And I probably am. I know it's bad, but I can't get over my mental block about him. I'd rather just get more of a confidence builder. My aunt is fearless on a horse, but has no experience with training or anything and I doubt she's ever taken lessons - I think all she really knows is how to hop on and go. I will have her with me if I do decide to work with him any though, but I'm starting to doubt I will do much at this point - aside from maybe some clucker training. All of the trainers around here are several hundred dollars (which I understand is normal, but he was already a lot of money for us to start out with) and I don't think it's worth it. I think the both of us would be much happier with someone else.

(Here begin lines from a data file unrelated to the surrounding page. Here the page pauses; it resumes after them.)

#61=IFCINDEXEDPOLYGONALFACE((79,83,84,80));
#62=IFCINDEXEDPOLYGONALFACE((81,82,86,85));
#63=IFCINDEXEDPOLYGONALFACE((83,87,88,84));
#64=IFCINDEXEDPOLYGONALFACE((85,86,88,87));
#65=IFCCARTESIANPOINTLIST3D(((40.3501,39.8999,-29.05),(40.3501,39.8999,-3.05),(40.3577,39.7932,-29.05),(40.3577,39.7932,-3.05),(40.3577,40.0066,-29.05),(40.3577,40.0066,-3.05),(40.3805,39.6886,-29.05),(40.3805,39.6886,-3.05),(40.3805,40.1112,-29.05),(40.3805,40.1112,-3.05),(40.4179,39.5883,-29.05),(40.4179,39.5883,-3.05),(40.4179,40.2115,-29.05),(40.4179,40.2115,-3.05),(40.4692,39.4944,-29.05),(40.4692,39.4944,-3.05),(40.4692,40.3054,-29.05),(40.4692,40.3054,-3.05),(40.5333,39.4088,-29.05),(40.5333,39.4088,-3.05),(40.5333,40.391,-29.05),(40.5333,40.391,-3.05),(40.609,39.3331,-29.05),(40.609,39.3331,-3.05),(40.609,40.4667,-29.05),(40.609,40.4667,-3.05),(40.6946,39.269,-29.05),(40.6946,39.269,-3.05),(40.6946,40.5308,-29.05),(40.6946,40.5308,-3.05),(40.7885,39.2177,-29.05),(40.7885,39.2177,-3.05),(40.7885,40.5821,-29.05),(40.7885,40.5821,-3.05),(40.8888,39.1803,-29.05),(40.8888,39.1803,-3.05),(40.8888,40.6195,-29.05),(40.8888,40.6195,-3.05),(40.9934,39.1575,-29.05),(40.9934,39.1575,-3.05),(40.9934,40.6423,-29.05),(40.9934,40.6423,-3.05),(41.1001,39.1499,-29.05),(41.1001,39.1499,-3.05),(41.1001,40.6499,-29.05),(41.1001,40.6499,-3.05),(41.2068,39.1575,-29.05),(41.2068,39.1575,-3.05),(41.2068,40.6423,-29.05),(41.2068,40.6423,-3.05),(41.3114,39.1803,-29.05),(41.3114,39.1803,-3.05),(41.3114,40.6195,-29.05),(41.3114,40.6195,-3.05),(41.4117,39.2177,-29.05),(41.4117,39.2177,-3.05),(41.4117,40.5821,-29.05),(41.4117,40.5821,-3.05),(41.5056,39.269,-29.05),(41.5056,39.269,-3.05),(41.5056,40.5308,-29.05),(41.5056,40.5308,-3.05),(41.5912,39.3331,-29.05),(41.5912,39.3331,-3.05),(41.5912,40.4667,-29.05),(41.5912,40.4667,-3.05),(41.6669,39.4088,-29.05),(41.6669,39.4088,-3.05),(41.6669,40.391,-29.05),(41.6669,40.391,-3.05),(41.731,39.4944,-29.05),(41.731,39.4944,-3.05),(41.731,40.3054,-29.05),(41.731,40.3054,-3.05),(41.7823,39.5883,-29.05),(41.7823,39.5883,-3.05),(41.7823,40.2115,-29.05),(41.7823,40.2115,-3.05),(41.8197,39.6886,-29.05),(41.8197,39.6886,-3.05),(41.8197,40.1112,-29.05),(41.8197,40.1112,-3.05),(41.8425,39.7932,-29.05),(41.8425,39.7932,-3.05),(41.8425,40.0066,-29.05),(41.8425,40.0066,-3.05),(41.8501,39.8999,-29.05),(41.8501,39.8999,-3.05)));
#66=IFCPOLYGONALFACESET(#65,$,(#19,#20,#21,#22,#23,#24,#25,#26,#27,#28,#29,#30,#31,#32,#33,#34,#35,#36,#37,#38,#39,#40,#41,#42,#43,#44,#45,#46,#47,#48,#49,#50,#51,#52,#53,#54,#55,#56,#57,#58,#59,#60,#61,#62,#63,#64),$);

I would definitely not take him to a dealer. I won't let him get sold to anyone I don't think would be a good home for him - I would absolutely not stand for him going to auction or anywhere. I just think he'd make someone a great horse with some miles on him and someone experienced to work with - just not me.
     
    09-13-2012, 05:07 PM
  #20
Trained
Do the clicker/ clucker training. And just spend time with him. You know that quarabs are wonderful horses who will work their hearts out for you once you get to know them?
Don't take any pressure from anybody, and, come to think about it, I wouldn't even let your aunt come either.
And for that trainer...if she insisted she could train him and then quit, she should give you your money back. That's called work ethics. ..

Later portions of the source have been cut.